Zwischen den 70er und 90er Jahren war der Terror für Europa eher ein nationales Problem. Die IRA bombte in England und Irland, die ETA in Spanien, die RAF in Deutschland, die Roten Brigaden in Italien, die Action Directe in Frankreich. Mit dem Fall des Eisernen Vorhangs verrutschte auch der Schwerpunkt der Angriffe auf der Landkarte des Terrors Richtung Osten. Plötzlich gab es Anschläge in Russland, der Ukraine, im Kaukasus. Der Terror hat dann mit den Anschlägen vom 11. September 2001 auch noch einen anderen, einen neuen und nicht weniger brutalen Anstrich bekommen. Statt Bomben und Blut für vermeintliche politische Ziele, wurden nun auch noch die Menschen im Namen Allahs terrorisiert.

Es sind bedrückende Zahlen, die man in diesen trockenen Statistiken lesen kann. Auch jene, die beschreibt, dass im Zeitraum zwischen Januar 2015 und Juni 2016 in Europa und Amerika 658 Menschen bei 46 Terroranschlägen ihr Leben verloren. Im Nahen Osten, Afrika und Asien gab es im gleichen Zeitraum 50mal mehr Todesopfer. 20.031 Menschen starben bei 2.063 Angriffen. Das Blutbad reicht um den Globus.

Wir leben mit der Terrorgefahr und das schon lange. Der gewaltsame Versuch einiger weniger, das Leben der Mehrheit zu verändern ist Teil des Alltags geworden. In den USA, im Irak, in Somalia und auch in Deutschland. Die Art und Weise, die Intensität der Anschläge und die Zahl der Todesopfer hat zugenommen. Mit dem Anschlag von Berlin werden wir wachgerüttelt, dass es hier „auch“ passieren kann. Obwohl wir das schon lange wissen und damit leben, damit zu leben gelernt haben.
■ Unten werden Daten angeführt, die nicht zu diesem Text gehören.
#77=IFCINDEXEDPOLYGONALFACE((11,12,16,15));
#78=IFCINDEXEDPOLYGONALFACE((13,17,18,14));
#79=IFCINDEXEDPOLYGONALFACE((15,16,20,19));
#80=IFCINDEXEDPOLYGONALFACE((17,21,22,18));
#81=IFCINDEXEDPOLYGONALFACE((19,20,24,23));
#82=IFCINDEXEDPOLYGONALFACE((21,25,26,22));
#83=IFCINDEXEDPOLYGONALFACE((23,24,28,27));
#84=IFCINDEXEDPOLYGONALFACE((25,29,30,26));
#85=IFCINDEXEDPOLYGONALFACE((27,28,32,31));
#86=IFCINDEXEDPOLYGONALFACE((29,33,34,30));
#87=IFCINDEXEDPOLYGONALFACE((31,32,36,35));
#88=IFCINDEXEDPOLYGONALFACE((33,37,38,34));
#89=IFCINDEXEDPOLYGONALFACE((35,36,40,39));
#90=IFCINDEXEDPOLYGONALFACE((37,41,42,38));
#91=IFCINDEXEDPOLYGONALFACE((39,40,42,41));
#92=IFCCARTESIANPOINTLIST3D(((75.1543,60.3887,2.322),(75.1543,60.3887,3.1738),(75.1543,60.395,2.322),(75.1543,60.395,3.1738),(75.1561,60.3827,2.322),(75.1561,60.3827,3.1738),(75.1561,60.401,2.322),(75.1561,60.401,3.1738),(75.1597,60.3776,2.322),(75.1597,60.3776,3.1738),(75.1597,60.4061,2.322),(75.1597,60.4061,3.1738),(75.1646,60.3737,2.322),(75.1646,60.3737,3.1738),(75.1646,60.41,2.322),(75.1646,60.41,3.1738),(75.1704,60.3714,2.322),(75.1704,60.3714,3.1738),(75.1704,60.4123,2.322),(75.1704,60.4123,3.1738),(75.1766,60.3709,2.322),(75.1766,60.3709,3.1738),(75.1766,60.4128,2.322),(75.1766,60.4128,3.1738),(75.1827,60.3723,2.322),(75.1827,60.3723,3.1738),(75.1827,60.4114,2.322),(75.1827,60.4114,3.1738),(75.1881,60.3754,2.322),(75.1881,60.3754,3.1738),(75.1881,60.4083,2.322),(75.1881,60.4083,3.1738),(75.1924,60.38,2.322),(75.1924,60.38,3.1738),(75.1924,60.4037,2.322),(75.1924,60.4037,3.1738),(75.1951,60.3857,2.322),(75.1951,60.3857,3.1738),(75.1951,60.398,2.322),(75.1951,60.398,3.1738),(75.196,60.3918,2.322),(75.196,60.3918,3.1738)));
Berlin, Trump und der Islamische Staat

Mir wird schwindelig bei all diesen Nachrichten am Morgen. Das Newsrad dreht sich und alles mögliche wird veröffentlicht und verbreitet. Donald Trump twittert zu Ankara, Zürich und Berlin, die Jewish Press schreibt, zu dem Anschlag auf den Weihnachtsmarkt habe sich der Islamische Staat bekannt. Auch das Rechtsaußen Newsportal Breitbart zieht nach und behauptet, IS Unterstützer feierten bereits die Anschläge in Berlin und Ankara.
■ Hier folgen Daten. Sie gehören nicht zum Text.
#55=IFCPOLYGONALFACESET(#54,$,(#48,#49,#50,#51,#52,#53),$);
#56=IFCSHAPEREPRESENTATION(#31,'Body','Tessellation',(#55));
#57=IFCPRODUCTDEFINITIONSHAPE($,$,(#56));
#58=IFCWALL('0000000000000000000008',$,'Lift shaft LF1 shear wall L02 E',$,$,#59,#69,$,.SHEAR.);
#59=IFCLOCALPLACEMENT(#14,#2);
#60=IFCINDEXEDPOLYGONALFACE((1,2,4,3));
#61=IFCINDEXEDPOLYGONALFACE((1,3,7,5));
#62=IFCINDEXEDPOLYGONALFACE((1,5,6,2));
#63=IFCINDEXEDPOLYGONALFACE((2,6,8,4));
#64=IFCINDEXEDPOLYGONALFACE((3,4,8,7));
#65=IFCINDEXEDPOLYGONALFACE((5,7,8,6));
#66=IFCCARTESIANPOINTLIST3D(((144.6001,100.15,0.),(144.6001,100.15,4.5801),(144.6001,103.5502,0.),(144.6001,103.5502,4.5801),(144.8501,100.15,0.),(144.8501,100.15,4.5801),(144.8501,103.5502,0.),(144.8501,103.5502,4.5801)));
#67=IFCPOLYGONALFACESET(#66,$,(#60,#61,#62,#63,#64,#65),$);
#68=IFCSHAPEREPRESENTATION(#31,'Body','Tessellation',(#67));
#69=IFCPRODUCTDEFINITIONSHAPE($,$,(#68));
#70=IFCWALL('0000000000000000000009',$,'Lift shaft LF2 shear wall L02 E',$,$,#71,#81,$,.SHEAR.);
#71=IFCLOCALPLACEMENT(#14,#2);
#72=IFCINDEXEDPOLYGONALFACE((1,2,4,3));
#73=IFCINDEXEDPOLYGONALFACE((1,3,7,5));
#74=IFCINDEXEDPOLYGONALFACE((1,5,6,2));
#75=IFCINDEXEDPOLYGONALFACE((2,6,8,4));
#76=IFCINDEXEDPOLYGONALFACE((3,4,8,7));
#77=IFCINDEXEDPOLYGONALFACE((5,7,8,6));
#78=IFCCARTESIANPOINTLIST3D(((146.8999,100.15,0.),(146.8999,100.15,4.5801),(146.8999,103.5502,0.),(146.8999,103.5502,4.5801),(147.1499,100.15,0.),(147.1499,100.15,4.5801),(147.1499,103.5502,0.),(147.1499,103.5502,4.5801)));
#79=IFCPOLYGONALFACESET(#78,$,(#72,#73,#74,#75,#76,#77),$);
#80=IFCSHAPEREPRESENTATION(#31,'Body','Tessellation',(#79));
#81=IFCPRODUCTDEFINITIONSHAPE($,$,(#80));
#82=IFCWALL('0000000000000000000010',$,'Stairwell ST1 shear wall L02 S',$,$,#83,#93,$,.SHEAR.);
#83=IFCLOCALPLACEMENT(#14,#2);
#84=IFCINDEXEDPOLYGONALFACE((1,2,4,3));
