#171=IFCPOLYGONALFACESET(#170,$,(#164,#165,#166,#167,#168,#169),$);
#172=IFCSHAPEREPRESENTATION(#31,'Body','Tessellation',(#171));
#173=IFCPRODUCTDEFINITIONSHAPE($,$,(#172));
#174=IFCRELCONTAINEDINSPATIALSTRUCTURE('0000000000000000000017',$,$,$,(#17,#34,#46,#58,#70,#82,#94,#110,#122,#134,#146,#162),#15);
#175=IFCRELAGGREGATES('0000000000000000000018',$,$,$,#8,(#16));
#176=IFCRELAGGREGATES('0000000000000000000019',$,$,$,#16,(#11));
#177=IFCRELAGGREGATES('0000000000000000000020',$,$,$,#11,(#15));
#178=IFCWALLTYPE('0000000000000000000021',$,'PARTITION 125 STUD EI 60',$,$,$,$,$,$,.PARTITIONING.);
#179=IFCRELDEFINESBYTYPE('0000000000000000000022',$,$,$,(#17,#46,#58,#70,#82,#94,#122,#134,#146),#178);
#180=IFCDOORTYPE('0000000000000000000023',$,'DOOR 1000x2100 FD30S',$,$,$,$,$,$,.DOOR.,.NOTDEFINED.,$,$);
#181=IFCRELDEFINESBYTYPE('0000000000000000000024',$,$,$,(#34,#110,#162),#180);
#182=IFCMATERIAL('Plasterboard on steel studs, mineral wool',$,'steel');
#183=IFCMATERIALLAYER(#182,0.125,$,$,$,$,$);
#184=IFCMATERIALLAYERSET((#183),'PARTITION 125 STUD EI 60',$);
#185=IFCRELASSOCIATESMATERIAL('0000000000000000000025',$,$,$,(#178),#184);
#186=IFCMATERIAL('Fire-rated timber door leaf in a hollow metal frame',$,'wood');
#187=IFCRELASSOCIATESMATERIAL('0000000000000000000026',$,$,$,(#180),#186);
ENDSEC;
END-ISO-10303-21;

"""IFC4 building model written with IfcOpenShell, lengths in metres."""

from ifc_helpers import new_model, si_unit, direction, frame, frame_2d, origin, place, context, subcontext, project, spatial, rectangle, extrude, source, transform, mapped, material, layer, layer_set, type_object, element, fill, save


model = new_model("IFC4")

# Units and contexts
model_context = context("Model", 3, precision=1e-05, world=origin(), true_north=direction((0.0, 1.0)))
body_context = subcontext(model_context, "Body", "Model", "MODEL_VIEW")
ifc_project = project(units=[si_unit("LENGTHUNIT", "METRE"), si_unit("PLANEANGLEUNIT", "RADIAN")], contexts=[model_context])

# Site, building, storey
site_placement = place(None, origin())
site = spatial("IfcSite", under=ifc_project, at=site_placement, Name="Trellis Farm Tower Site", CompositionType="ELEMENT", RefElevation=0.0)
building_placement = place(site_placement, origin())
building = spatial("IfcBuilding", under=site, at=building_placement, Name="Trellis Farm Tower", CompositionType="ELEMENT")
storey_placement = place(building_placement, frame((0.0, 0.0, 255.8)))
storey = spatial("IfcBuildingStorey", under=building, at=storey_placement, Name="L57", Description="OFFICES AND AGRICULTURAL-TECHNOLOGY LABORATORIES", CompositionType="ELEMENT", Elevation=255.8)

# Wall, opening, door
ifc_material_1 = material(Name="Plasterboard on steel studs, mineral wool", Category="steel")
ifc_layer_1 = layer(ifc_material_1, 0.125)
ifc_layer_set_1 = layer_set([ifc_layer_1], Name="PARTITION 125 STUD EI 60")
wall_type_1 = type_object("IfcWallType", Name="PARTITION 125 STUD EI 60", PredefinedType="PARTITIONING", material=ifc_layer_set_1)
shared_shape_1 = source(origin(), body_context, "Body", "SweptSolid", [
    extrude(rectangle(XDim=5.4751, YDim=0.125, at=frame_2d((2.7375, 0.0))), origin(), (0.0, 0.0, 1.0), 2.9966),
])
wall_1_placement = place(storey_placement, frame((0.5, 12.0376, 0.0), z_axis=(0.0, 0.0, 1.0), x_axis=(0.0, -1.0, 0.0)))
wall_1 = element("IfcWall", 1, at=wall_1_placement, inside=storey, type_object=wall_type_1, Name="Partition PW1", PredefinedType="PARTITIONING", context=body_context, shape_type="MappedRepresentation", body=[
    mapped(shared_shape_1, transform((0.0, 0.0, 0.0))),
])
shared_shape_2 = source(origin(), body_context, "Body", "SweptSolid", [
Die Welt dreht am Rad. Nachrichten und solche, die es sein sollen, werden in diesen Stunden massig verbreitet. Einen Überblick hat niemand, aber jeder hat eine Meinung. Die konservative Tageszeitung „Washington Examiner“ titelt: „Trump after Berlin: The Islamic State must be ‚eradicated'“. Donald Trump werde sich einmischen, so die Zeitung, nach acht Jahren Barack Obama nun endlich jemand, der den Terroristen und ihren Hintermännern und Netzwerken die Stirn zeige. Der Examiner ist eines der Sprachrohre der konservativen Bewegung in den USA. Trump ist nun fast in Amt und Würden, die Hardliner feiern schon jetzt und zeigen auf Obama, der am Tag der Anschläge lieber Golf im Weihnachtsurlaub auf Hawaii spielte.
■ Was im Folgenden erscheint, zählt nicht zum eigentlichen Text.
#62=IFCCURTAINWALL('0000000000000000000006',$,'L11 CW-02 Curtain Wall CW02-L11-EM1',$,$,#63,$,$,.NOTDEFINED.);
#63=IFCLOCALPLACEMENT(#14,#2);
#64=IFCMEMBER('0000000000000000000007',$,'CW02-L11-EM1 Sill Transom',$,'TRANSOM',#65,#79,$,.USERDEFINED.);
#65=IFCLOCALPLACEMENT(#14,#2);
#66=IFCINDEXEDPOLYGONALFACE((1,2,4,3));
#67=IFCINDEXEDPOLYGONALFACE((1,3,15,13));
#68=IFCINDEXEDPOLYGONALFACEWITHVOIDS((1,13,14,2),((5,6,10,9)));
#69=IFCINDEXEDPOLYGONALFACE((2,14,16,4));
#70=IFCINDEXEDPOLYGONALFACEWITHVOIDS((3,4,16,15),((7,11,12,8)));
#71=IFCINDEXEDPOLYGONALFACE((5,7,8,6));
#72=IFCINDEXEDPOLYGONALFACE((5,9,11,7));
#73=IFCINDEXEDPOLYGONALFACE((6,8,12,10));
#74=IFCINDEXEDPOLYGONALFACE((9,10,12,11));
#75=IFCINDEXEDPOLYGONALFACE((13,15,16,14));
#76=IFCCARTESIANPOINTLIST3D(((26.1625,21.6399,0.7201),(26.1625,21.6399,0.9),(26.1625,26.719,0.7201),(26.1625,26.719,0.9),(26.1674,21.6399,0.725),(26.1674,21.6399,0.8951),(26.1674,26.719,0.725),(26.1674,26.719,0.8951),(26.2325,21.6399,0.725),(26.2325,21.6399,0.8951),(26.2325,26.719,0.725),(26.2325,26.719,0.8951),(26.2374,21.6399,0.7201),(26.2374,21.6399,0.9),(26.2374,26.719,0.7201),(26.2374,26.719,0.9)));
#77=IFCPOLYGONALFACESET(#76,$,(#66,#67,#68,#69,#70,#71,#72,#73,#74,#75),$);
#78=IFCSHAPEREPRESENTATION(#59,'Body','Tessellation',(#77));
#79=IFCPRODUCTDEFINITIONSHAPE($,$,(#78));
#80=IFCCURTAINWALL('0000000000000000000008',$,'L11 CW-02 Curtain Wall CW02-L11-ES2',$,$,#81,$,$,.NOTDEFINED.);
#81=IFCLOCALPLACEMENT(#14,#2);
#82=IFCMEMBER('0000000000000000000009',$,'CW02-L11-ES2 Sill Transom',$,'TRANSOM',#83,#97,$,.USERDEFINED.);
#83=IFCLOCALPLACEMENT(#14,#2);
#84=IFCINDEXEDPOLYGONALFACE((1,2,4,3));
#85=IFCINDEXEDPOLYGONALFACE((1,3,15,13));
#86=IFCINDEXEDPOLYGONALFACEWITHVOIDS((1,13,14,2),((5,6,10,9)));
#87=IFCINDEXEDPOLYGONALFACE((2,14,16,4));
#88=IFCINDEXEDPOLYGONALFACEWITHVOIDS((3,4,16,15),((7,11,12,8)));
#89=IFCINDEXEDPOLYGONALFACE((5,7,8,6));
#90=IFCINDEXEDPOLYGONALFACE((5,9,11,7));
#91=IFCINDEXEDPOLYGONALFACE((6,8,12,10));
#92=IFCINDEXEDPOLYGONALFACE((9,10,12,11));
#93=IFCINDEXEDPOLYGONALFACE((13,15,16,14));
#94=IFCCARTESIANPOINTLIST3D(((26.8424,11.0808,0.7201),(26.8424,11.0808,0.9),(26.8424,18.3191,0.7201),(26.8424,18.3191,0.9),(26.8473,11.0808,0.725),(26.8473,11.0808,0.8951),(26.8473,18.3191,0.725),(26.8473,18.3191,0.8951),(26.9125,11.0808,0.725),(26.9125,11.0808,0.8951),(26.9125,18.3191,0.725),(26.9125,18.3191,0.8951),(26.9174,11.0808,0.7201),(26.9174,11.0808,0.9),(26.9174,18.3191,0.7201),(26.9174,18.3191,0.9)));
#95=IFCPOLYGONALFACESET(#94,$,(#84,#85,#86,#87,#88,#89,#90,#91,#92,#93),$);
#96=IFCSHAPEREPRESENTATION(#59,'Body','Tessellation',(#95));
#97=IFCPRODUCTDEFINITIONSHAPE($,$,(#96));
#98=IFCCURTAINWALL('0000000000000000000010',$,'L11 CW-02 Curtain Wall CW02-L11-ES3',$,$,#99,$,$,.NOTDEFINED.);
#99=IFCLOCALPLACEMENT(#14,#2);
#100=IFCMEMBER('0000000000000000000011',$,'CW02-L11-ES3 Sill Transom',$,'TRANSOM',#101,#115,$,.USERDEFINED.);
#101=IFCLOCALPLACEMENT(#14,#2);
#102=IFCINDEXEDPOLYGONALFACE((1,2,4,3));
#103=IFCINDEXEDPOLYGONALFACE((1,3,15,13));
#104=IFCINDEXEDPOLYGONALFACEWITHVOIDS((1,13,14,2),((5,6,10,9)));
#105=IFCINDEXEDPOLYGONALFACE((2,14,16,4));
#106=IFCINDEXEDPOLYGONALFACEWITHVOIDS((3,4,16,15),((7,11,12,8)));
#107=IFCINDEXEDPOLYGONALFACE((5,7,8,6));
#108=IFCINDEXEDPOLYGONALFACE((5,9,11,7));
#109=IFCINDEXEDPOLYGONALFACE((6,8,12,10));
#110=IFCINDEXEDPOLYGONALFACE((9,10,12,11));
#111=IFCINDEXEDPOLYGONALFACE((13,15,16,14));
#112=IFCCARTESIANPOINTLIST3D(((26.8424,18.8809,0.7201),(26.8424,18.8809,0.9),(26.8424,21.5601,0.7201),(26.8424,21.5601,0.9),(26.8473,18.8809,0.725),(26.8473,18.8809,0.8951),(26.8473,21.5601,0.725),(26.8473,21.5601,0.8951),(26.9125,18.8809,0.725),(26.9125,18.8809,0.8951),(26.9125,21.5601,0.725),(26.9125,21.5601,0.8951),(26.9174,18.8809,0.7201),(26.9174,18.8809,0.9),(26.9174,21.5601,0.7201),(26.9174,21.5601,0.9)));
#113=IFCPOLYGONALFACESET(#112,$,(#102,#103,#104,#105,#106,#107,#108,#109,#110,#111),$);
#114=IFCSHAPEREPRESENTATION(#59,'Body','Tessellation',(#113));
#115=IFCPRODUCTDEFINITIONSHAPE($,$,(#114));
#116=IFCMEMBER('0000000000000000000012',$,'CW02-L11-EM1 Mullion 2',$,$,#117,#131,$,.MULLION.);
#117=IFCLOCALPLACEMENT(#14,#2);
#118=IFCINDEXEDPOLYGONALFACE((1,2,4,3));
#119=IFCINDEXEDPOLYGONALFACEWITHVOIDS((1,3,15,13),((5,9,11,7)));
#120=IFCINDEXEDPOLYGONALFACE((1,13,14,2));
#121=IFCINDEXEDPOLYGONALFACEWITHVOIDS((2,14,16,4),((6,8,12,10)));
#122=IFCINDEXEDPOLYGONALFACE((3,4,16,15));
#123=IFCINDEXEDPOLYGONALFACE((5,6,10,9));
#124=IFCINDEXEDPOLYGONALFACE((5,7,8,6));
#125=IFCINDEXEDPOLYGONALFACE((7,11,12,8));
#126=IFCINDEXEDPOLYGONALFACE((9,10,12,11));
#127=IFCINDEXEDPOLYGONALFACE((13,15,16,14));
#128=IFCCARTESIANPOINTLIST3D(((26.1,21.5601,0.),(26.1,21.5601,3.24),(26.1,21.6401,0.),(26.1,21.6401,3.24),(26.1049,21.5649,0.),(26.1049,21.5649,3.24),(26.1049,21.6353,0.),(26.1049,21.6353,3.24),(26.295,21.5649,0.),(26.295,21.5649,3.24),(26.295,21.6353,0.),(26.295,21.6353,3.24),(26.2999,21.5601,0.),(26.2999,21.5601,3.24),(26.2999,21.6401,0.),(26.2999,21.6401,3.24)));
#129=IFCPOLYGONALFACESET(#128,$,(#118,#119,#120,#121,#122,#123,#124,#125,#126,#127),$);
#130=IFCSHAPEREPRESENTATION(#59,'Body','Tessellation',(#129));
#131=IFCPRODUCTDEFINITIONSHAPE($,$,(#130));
Die Rechtsaußen Kommentatorin, Michelle Malkin, beliebter Gast auf FOXNews, twittert polemisch: „Open borders + welfare state + dhimmitude = suicide“. „New Republic“ schreibt: „The Berlin Christmas market attack is a gift to Europe’s far right.“ Das Attentat von Berlin sei ein Geschenk für die Rechten in Europa. Angela Merkel müsse sich im kommenden Jahr einer Wiederwahl stellen, der Anschlag auf den Weihnachtsmarkt würde sie jedoch in die Enge treiben, die Rechtsaußen Parteien stärken. Und es scheint genau so zu kommen. Der NRW-Landesvorsitzende der AfD, Marcus Pretzell, twitterte schon kurz nach dem Anschlag: „Wann schlägt der deutsche Rechtsstaat zurück? Wann hört diese verfluchte Heuchelei endlich auf? Es sind Merkels Tote!“ Auch die Konkurrenzpartei der AfD, die NPD, macht mobil. Auf ihrer facebook Seite unterlegt sie ihren Kommentar zu dem Anschlag mit den Hashtags: „Leistet Widerstand“, „GrenzenSichern“, „DeutschlandSchützen“, „IslamisierungStoppen“ und „KriminelleAusländerRaus“. Klare Ansagen, wie sich der Ton in den kommenden Wochen und Monaten anhören wird.